[Abstract] [Full Text PDF] (in Japanese / 1780KB) [Members Only And Two Factor Auth.]

J.Jpn. Surg. Soc.. 87(9): 1036-1039, 1986


Report on the annual meeting

SELECTION AND INDICATION OF CERVICAL ESOPHAGECTOMY AND LYMPHADENECTOMY FOR CARCINOMA OF THE CERVICAL ESOPHAGUS

The Second Department of Surgery, Tohoku University School of Medicine, Sendai, Japan

Tetsuro Nishihira, Morio Kasai

I) Fifty-five (75.3 percent) out of 73 cases of cervical and hypopharyngeal cancers were resected. The standard operative procedure for reconstruction after resectin was interposition of pedicled jejunal segments between the cervical esophagus or the hypopharynx and the upper thoracic esophagus with or without total laryngectomy.

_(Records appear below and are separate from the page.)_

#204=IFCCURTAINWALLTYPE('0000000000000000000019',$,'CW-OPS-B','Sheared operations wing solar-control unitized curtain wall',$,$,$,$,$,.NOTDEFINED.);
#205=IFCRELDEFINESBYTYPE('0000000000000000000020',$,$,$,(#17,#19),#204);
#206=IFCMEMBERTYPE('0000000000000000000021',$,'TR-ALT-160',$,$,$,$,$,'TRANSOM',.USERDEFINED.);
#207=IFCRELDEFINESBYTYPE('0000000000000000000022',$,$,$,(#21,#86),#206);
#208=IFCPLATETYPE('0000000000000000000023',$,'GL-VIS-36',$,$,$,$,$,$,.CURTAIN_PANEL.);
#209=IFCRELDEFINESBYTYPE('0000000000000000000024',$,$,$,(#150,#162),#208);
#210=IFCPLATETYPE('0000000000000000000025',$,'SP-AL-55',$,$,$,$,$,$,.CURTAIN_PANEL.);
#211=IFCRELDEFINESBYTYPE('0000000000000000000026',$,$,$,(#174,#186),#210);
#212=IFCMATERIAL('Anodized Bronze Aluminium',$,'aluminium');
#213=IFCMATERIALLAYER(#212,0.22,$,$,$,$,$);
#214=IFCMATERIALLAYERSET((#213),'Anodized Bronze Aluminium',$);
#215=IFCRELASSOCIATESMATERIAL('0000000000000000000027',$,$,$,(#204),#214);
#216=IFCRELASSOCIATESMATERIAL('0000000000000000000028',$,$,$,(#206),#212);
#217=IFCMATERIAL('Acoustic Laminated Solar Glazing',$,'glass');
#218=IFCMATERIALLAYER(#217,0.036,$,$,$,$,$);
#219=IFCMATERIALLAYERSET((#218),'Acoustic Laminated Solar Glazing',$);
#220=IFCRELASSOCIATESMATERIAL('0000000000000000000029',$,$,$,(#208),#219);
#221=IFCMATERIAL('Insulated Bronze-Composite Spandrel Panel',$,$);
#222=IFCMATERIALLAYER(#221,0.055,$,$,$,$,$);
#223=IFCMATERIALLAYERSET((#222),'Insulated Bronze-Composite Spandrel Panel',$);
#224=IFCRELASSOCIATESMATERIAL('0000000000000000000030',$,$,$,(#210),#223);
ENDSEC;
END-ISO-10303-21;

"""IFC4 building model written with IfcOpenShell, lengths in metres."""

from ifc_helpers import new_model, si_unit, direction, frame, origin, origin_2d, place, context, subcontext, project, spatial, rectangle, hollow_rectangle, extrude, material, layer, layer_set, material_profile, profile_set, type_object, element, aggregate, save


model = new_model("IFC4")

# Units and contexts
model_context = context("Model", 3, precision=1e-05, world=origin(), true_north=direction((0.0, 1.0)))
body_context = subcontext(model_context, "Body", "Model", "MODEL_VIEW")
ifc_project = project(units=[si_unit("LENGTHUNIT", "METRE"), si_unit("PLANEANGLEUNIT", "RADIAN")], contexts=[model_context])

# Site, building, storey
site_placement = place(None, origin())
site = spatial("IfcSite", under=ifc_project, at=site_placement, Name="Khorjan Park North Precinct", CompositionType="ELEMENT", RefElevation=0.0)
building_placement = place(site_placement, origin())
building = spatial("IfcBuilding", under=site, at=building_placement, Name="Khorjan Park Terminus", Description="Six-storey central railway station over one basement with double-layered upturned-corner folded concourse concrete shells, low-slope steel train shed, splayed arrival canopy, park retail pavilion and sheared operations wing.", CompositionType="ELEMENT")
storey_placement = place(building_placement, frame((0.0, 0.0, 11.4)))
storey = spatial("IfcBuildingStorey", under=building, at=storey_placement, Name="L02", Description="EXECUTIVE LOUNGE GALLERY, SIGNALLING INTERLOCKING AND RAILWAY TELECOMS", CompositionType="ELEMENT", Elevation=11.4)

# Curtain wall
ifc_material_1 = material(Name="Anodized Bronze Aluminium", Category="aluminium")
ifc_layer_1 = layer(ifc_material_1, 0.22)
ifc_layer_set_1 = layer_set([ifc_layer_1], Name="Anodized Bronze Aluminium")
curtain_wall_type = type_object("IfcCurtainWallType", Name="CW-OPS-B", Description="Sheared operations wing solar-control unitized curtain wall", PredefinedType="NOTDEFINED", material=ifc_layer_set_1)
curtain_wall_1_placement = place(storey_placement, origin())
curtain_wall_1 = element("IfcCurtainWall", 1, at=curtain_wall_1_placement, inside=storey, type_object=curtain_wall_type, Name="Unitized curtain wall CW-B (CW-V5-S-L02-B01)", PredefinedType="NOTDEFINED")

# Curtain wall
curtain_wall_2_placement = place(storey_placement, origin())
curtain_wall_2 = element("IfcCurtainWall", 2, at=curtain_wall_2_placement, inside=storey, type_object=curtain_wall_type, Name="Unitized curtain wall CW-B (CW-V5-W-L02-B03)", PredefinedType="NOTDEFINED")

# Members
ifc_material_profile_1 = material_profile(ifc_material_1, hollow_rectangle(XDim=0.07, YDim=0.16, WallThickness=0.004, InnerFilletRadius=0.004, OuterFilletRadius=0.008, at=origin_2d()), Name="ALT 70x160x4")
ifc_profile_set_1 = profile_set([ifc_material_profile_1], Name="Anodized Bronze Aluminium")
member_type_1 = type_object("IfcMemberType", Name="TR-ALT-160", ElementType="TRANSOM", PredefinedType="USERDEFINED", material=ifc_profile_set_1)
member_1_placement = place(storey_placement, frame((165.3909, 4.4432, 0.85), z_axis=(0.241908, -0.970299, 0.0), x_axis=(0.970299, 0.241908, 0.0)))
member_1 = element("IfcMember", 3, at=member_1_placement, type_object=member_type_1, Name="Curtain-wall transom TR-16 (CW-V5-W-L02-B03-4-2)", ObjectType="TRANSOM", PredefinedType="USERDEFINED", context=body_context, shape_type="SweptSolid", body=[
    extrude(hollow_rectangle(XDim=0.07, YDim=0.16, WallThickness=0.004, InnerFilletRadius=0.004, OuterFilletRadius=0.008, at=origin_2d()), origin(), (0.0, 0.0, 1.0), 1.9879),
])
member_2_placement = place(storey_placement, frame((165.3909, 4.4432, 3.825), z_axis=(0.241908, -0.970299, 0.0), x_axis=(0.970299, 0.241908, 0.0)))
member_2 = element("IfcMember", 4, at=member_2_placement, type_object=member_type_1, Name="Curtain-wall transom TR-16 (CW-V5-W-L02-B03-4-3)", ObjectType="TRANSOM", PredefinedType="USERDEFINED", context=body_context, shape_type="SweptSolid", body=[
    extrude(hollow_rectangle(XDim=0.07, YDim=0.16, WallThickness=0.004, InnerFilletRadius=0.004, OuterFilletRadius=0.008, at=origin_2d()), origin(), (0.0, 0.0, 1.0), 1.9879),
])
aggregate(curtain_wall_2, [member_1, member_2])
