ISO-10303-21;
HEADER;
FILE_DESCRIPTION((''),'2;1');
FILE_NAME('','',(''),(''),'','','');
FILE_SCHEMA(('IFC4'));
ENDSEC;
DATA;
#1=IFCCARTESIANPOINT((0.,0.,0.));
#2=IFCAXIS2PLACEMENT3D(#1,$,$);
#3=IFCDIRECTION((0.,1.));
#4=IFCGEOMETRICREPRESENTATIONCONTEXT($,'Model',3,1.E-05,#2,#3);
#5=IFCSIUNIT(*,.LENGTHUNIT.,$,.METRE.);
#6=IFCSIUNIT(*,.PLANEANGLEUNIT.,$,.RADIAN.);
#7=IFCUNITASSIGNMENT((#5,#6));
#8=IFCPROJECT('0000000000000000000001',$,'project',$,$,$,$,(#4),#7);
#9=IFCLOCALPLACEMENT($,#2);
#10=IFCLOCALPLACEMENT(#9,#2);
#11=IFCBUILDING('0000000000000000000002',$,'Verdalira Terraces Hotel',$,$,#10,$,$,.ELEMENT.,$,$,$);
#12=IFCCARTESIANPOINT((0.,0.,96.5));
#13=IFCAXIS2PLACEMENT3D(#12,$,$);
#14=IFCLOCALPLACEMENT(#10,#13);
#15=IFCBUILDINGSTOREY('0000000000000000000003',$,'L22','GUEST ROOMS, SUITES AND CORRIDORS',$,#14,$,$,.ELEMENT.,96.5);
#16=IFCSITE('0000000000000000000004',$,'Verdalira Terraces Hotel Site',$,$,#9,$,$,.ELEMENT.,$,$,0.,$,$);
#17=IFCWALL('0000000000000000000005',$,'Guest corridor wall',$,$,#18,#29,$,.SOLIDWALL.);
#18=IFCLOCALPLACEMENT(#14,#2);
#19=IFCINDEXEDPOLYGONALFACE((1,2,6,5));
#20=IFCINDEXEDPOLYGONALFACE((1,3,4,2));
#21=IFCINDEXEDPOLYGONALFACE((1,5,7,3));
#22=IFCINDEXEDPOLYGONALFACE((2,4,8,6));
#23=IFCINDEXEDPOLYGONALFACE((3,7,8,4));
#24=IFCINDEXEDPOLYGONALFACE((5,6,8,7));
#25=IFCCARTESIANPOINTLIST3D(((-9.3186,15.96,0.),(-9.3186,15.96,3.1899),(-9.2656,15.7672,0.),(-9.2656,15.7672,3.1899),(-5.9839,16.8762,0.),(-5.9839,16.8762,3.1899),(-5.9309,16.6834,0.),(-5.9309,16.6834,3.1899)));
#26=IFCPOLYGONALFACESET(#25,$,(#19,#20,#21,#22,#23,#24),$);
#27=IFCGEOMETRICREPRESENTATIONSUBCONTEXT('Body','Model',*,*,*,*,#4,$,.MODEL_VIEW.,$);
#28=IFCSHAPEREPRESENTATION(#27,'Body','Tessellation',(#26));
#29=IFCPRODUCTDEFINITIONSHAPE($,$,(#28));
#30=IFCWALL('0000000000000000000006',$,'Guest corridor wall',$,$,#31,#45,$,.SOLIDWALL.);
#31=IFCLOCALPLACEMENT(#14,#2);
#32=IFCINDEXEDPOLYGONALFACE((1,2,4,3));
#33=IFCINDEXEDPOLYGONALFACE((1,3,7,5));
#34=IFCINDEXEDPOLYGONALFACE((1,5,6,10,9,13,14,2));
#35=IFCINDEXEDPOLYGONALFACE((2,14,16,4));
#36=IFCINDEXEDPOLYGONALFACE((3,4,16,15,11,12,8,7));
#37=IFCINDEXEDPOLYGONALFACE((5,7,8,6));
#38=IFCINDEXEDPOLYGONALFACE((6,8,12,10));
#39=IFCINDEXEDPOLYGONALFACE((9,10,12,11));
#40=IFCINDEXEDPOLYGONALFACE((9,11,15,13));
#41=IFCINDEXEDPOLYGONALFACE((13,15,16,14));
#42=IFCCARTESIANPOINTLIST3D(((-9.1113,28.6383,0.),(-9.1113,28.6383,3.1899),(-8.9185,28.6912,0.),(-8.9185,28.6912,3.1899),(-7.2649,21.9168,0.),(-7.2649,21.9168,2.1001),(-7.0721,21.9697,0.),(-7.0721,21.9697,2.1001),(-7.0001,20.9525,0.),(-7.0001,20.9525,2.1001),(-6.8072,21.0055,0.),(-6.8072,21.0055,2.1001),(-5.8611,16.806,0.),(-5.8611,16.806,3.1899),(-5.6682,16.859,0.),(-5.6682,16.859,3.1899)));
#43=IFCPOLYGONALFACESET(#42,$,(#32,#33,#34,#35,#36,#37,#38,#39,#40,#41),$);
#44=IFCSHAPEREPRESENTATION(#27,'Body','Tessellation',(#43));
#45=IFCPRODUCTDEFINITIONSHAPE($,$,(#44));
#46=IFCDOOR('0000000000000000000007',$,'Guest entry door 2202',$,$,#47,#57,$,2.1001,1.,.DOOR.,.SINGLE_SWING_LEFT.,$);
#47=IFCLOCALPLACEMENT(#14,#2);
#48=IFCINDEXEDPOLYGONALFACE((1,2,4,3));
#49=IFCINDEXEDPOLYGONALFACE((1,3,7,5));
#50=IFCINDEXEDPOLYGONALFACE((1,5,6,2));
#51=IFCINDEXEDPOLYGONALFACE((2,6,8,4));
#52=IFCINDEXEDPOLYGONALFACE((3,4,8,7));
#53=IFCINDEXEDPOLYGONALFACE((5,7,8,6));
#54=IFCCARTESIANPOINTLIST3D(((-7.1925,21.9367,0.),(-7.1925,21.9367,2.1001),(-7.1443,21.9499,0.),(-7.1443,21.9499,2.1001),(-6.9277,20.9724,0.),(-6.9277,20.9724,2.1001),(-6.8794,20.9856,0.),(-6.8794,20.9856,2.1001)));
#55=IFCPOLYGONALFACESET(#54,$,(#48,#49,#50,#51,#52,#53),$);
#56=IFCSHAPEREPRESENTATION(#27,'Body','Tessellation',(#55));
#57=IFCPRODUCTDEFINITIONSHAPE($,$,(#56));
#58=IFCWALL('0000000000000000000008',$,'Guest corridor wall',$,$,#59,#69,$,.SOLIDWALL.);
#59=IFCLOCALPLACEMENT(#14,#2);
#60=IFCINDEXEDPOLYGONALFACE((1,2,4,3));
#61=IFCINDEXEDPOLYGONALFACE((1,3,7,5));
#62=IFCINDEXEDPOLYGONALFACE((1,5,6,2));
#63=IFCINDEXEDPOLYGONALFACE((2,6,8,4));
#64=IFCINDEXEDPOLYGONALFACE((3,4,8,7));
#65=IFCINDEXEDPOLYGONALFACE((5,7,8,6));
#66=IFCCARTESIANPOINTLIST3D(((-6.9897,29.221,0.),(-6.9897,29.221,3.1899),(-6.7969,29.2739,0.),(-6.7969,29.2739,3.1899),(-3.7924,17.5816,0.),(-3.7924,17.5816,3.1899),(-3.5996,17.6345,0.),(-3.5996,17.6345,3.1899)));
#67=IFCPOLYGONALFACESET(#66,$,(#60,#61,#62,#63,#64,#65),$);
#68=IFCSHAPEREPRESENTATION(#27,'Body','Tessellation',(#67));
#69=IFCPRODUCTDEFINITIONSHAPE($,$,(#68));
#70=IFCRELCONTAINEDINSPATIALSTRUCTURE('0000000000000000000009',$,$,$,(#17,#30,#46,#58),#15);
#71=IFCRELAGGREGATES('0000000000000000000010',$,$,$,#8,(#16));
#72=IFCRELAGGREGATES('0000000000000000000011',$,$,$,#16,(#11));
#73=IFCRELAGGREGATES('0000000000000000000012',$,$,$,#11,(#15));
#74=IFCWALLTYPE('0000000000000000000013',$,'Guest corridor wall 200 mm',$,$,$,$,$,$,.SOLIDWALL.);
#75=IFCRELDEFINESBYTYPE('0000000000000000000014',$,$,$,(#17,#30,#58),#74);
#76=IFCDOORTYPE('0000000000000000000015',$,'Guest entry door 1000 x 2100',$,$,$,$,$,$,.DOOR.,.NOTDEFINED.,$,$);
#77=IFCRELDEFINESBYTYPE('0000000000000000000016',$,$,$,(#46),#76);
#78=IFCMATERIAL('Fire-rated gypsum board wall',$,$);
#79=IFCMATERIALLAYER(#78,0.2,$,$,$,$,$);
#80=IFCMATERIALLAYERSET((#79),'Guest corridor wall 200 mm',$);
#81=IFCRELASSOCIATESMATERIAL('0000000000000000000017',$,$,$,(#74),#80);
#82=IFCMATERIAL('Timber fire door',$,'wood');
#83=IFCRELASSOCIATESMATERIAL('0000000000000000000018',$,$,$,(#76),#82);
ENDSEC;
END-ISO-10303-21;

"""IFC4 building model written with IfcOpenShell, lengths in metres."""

from ifc_helpers import new_model, si_unit, direction, frame, frame_2d, origin, place, context, subcontext, project, spatial, rectangle, extrude, material, layer, layer_set, type_object, element, fill, save


model = new_model("IFC4")

# Units and contexts
model_context = context("Model", 3, precision=1e-05, world=origin(), true_north=direction((0.0, 1.0)))
body_context = subcontext(model_context, "Body", "Model", "MODEL_VIEW")
ifc_project = project(units=[si_unit("LENGTHUNIT", "METRE"), si_unit("PLANEANGLEUNIT", "RADIAN")], contexts=[model_context])

# Site, building, storey
site_placement = place(None, origin())
site = spatial("IfcSite", under=ifc_project, at=site_placement, Name="Verdalira Terraces Hotel Site", CompositionType="ELEMENT", RefElevation=0.0)
building_placement = place(site_placement, origin())
building = spatial("IfcBuilding", under=site, at=building_placement, Name="Verdalira Terraces Hotel", CompositionType="ELEMENT")
storey_placement = place(building_placement, frame((0.0, 0.0, 96.5)))
storey = spatial("IfcBuildingStorey", under=building, at=storey_placement, Name="L22", Description="GUEST ROOMS, SUITES AND CORRIDORS", CompositionType="ELEMENT", Elevation=96.5)

# Wall
ifc_material_1 = material(Name="Fire-rated gypsum board wall")
ifc_layer_1 = layer(ifc_material_1, 0.2)
ifc_layer_set_1 = layer_set([ifc_layer_1], Name="Guest corridor wall 200 mm")
wall_type_1 = type_object("IfcWallType", Name="Guest corridor wall 200 mm", PredefinedType="SOLIDWALL", material=ifc_layer_set_1)
wall_1_placement = place(storey_placement, frame((-5.9575, 16.7798, 0.0), z_axis=(0.0, 0.0, 1.0), x_axis=(-0.964264, -0.264945, 0.0)))
element("IfcWall", 1, at=wall_1_placement, inside=storey, type_object=wall_type_1, Name="Guest corridor wall", PredefinedType="SOLIDWALL", context=body_context, shape_type="SweptSolid", body=[
    extrude(rectangle(XDim=3.4583, YDim=0.2, at=frame_2d((1.729, 0.0))), origin(), (0.0, 0.0, 1.0), 3.1899),
])

# Wall, opening, door
wall_2_placement = place(storey_placement, frame((-5.7646, 16.8325, 0.0), z_axis=(0.0, 0.0, 1.0), x_axis=(-0.264881, 0.964281, 0.0)))
wall_2 = element("IfcWall", 2, at=wall_2_placement, inside=storey, type_object=wall_type_1, Name="Guest corridor wall", PredefinedType="SOLIDWALL", context=body_context, shape_type="SweptSolid", body=[
    extrude(rectangle(XDim=12.2705, YDim=0.2, at=frame_2d((6.1353, 0.0))), origin(), (0.0, 0.0, 1.0), 3.1899),
])
opening_1_placement = place(wall_2_placement, frame((4.3, 0.0, 0.0)))
opening_1 = element("IfcOpeningElement", 3, at=opening_1_placement, cuts=wall_2, PredefinedType="OPENING", context=body_context, shape_type="SweptSolid", body=[
    extrude(rectangle(XDim=1.0, YDim=2.1001, at=frame_2d((0.5, 1.05))), frame((0.0, 0.1099, 0.0), z_axis=(0.0, -1.0, 0.0), x_axis=(1.0, 0.0, 0.0)), (0.0, 0.0, 1.0), 0.22),
])
ifc_material_2 = material(Name="Timber fire door", Category="wood")
door_type_1 = type_object("IfcDoorType", Name="Guest entry door 1000 x 2100", OperationType="NOTDEFINED", PredefinedType="DOOR", material=ifc_material_2)
door_1_placement = place(opening_1_placement, origin())
door_1 = element("IfcDoor", 4, at=door_1_placement, inside=storey, type_object=door_type_1, Name="Guest entry door 2202", OperationType="SINGLE_SWING_LEFT", OverallHeight=2.1001, OverallWidth=1.0, PredefinedType="DOOR", context=body_context, shape_type="SweptSolid", body=[
    extrude(rectangle(XDim=1.0, YDim=2.1001, at=frame_2d((0.5, 1.05))), frame((0.0, 0.0249, 0.0), z_axis=(0.0, -1.0, 0.0), x_axis=(1.0, 0.0, 0.0)), (0.0, 0.0, 1.0), 0.05),
])
fill(opening_1, door_1)

# Wall
wall_3_placement = place(storey_placement, frame((-3.696, 17.6082, 0.0), z_axis=(0.0, 0.0, 1.0), x_axis=(-0.264881, 0.964281, 0.0)))
element("IfcWall", 5, at=wall_3_placement, inside=storey, type_object=wall_type_1, Name="Guest corridor wall", PredefinedType="SOLIDWALL", context=body_context, shape_type="SweptSolid", body=[
    extrude(rectangle(XDim=12.0706, YDim=0.2, at=frame_2d((6.0352, 0.0))), origin(), (0.0, 0.0, 1.0), 3.1899),
])

save(model, "model.ifc")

The five-year survival rate of 11 patients undergoing the operation preserving the larynx was 27.3 percent and that of 20 patients undergoing the operation with laryngectomy was 18.0 percent.
II) A successful case of reconstruction with a free jejunal segment between the hypopharynx and the middle thoracic esophagus under the right thoracotomy for carcinoma involving both the cervical and thoracic esophagus is introduced.
III) In cases of tumors localized in the cervical esophagus and/or hypopharynx, lymphnode dissection for cervical nodes was done bilaterally in the neck, and for paraesophageal and paratracheal nodes in the upper thorax, such dissection was performed from the cervix as much as possible without thoracotomy. In case of tumors involving both the cervical and the thoracic esophagus, lymphadenectomy was performed in the neck and also in the thorax with thoracotomy, and total esophagectomy was done.
IV) Postoperative combined therapies such as radiotherapy covering the whole cervix and the mediastinum accompanied by chemotherapy are indispensable for the prevention of recurrence.